Yeah I'm sorry I made a mistake. Typing too fast and not thinking. THe SE-R only comes in Auto and Spec V only comes in stick. ah well


----------



## Phil04 (Feb 23, 2004)

*Hello*

Hello. i just got a 04 specV for about 16700 with TTL....... don't know if thats too much but i like the spec.... i wanted the se-r but the auto turned me off...... but they are still really quick cars...... no reason to cry.... you have yourself a good car there


----------



## FletchSpecV (Nov 26, 2002)

Phil04 said:


> Hello. i just got a 04 specV for about 16700 with TTL....... don't know if thats too much but i like the spec.... i wanted the se-r but the auto turned me off...... but they are still really quick cars...... no reason to cry.... you have yourself a good car there


Congrats on your purchase! You'll love your car more and more everyday, .


----------



## Yamakasi (Jun 11, 2003)

Phil04 said:


> Hello. i just got a 04 specV for about 16700 with TTL....... don't know if thats too much but i like the spec.... i wanted the se-r but the auto turned me off...... but they are still really quick cars...... no reason to cry.... you have yourself a good car there


I have an Auto  (Long story), but it is still very fast. When I race against my friend (just takeoffs) with his 2004 Manual, I always have the lead till he gets in 3rd, then he starts taking me on.

But I think I read in this forum once that the parts are exactly the same in the SE-R and SpecV when it comes to the engine.
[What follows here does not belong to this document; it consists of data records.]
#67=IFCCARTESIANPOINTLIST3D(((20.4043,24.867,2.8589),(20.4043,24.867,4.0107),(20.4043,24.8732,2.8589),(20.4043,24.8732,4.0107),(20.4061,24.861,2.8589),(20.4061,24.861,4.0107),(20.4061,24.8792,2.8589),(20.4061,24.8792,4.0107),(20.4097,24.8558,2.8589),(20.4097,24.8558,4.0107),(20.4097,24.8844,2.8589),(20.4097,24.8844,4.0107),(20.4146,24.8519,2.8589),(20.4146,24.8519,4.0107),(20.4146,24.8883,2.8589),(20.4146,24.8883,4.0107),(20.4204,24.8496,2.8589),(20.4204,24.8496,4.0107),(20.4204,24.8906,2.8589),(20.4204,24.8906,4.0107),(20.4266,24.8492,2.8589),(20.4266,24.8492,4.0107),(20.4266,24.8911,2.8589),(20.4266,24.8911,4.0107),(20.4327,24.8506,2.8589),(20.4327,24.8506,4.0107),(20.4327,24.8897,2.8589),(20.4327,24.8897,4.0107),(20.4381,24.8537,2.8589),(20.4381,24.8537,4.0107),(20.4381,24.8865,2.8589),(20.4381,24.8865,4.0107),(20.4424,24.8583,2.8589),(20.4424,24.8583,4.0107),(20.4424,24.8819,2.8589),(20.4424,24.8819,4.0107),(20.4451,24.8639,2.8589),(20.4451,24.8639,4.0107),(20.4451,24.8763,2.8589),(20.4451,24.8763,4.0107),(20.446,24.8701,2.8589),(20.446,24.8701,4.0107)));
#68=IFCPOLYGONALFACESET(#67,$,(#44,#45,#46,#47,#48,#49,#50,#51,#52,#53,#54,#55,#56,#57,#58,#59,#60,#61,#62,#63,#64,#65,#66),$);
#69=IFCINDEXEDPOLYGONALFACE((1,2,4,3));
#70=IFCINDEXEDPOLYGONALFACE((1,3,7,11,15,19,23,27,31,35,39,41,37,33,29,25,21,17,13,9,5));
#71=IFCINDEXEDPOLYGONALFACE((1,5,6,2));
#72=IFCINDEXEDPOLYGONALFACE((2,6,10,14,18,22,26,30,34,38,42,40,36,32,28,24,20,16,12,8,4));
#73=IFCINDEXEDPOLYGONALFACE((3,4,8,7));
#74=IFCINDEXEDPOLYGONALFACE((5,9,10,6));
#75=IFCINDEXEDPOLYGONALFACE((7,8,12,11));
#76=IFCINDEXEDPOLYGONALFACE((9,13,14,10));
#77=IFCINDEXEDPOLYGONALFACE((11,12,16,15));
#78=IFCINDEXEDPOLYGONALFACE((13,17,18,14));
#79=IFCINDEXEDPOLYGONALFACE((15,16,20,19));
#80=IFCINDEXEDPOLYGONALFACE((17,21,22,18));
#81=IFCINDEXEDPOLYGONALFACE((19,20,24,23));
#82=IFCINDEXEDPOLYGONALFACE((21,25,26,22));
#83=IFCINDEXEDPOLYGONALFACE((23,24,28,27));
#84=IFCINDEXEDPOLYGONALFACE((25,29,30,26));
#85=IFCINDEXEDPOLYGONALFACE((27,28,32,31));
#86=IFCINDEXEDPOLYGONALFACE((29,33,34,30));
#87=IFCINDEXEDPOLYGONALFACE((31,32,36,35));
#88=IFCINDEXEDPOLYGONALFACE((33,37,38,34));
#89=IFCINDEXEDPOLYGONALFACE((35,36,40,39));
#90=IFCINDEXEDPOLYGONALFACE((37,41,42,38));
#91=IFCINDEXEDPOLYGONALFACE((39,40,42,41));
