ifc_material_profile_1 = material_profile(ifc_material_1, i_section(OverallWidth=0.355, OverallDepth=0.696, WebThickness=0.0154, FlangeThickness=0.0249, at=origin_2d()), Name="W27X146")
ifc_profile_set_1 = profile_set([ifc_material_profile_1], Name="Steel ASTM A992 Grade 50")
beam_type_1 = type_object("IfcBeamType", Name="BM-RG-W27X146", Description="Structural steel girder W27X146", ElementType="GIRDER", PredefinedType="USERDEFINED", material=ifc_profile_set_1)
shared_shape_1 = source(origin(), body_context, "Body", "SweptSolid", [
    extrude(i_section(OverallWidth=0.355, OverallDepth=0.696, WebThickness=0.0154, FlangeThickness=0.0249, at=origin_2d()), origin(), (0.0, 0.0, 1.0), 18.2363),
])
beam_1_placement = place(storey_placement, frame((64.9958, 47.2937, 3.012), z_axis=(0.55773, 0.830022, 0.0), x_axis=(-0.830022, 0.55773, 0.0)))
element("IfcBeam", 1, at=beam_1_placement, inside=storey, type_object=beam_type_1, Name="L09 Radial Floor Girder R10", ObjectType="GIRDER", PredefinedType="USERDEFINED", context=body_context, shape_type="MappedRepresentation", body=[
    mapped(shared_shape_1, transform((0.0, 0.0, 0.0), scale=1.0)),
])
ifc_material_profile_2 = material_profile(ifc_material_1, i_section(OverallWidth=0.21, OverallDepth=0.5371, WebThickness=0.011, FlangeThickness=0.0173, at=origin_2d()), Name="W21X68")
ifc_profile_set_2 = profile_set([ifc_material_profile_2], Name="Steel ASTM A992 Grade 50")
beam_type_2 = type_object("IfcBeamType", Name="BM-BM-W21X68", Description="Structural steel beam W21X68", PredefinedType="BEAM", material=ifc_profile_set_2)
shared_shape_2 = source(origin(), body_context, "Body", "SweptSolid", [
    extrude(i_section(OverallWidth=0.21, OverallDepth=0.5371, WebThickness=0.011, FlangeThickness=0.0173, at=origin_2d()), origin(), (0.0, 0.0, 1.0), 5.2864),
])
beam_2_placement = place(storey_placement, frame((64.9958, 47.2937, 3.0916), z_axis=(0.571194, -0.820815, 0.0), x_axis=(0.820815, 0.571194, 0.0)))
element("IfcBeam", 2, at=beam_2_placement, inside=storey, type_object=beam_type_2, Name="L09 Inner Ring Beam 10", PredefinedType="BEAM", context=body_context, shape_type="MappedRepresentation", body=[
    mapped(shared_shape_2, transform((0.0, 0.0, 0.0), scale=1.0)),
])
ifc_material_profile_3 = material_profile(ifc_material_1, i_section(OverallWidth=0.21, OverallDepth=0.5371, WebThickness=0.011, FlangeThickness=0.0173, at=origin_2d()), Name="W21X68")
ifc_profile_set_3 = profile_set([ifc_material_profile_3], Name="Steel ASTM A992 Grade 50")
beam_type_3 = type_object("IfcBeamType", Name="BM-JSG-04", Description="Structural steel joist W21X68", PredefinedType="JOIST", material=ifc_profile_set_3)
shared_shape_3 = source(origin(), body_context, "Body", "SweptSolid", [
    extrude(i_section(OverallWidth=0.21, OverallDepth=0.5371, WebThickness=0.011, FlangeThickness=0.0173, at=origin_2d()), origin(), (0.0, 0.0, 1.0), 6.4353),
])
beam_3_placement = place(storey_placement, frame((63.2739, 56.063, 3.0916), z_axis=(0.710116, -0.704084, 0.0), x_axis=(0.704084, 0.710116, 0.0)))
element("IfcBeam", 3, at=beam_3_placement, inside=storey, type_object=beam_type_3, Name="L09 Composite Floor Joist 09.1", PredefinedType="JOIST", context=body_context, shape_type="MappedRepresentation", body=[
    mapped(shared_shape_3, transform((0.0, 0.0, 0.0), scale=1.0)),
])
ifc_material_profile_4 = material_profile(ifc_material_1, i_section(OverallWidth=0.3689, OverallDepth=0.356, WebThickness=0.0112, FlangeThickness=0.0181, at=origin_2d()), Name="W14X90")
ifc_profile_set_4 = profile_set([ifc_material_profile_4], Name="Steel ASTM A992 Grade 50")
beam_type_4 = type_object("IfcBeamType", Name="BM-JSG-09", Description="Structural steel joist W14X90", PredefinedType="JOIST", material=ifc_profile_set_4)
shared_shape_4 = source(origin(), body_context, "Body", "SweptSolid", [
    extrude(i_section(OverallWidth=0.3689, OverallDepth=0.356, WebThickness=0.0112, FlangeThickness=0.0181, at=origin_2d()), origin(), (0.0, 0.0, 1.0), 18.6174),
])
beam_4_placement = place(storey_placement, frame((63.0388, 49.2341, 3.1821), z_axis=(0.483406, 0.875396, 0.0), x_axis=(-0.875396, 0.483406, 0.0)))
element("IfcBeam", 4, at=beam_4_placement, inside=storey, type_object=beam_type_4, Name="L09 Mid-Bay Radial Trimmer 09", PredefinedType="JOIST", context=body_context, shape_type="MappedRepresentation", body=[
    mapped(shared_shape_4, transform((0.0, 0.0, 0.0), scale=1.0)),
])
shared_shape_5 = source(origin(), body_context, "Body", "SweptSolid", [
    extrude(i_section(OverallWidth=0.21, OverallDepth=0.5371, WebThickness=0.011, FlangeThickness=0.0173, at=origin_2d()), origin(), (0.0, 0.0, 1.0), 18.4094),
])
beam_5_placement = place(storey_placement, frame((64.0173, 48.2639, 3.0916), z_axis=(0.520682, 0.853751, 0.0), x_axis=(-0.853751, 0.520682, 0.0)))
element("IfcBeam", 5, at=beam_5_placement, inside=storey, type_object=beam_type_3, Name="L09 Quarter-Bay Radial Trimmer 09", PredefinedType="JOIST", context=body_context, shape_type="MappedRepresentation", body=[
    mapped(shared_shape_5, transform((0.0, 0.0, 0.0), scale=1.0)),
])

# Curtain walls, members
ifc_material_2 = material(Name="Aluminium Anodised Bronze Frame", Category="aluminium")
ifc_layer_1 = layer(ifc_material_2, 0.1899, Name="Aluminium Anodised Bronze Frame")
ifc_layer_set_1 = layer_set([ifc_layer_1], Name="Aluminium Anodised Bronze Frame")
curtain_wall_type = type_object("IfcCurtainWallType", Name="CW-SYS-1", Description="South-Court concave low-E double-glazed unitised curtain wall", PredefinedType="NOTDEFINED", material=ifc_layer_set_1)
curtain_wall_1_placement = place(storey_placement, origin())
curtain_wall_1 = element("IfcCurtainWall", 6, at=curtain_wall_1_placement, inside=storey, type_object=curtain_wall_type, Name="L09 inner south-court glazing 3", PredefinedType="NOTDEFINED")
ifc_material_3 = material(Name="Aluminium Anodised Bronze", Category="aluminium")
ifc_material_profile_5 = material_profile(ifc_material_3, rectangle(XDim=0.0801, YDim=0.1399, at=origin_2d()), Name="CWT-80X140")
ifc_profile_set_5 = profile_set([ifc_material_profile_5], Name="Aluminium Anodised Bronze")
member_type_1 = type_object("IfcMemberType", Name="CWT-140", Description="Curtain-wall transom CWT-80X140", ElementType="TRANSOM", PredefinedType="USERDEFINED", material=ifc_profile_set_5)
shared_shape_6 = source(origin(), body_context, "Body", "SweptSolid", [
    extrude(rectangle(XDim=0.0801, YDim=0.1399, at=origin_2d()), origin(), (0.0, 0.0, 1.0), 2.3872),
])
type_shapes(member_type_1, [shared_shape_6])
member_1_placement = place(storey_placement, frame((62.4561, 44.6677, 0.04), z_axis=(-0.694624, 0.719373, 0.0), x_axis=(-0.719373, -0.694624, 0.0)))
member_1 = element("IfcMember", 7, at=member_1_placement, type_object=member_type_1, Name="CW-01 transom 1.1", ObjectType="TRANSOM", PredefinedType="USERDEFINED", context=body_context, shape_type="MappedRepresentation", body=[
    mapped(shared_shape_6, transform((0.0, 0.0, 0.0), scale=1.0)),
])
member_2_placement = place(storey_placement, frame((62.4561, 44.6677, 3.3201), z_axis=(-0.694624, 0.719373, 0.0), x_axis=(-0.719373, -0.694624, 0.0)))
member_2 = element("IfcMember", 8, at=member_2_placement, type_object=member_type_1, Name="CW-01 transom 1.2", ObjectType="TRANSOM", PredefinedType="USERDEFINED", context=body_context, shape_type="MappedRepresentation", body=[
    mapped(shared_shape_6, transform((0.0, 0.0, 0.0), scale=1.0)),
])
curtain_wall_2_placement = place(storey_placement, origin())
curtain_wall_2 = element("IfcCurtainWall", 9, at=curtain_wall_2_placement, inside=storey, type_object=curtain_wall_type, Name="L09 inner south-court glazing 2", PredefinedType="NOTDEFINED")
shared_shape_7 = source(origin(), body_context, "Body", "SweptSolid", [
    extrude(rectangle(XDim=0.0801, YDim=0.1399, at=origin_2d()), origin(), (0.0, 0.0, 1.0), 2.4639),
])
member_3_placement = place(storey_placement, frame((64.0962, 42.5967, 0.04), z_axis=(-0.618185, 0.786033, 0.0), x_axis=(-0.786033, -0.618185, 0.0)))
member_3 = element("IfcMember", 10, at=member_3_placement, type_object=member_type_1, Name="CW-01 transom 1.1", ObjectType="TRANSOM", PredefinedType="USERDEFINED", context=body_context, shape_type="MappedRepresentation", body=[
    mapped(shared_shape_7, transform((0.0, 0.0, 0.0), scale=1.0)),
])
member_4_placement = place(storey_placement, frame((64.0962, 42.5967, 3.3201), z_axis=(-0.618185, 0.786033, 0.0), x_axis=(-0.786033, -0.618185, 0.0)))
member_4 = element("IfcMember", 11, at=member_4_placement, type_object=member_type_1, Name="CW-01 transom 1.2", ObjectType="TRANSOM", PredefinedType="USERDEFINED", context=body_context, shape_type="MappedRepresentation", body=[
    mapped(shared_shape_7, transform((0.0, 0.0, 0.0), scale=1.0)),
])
And I still beat lots of Cavaliers, Civics, Tiburons, etc... so I'm not that disatisfied with my choice


----------



## Mr SEntra (Oct 7, 2002)

Yamakasi said:


> I have an Auto  (Long story), but it is still very fast. When I race against my friend (just takeoffs) with his 2004 Manual, I always have the lead till he gets in 3rd, then he starts taking me on.
> 
> But I think I read in this forum once that the parts are exactly the same in the SE-R and SpecV when it comes to the engine.
> 
> And I still beat lots of Cavaliers, Civics, Tiburons, etc... so I'm not that disatisfied with my choice


The most important factor there with a manual tranny is launch. Auto's definitely have the advantage as far as the initial launch, but after then...it's over. 

The SE-R and the Spec V have the QR25DE. As far as the engine is concerned, they are exactly identical.

Once you get over the Cavs, Civics, Tibs...you'll be wanting more, trust me! I'm through beating Si's at the track. I'm ready for something bigger and better.


----------



## BEERBUEFF (Sep 3, 2003)

im not to sure but i think you can just convert over to stick, maybe someone alittle more knolegeable on it might be able to confirm it but i would think you could. it seems senseable, all the parts are the same, just auto to stick, people do it with other cars why not the sentra. my guess....


----------



## Yamakasi (Jun 11, 2003)

BEERBUEFF said:


> im not to sure but i think you can just convert over to stick, maybe someone alittle more knolegeable on it might be able to confirm it but i would think you could. it seems senseable, all the parts are the same, just auto to stick, people do it with other cars why not the sentra. my guess....


I wonder how much that would cost...


----------



## Mr SEntra (Oct 7, 2002)

Don't do! IMO, it would be a huge hassle.


----------



## FletchSpecV (Nov 26, 2002)

BEERBUEFF said:


> im not to sure but i think you can just convert over to stick, maybe someone alittle more knolegeable on it might be able to confirm it but i would think you could. it seems senseable, all the parts are the same, just auto to stick, people do it with other cars why not the sentra. my guess....


As I understand it it's not that simple. It's a really complex thing to do and really expensive. It runs in my mind that someone said it would be around 7K bucks, but I don't remember where I heard that.


----------



## Yamakasi (Jun 11, 2003)

Mr SEntra said:


> Don't do! IMO, it would be a huge hassle.


Definitely,

If it's going to be in the 7K, screw the stick and I'll go for a turbo and re-do the inside of the engine


----------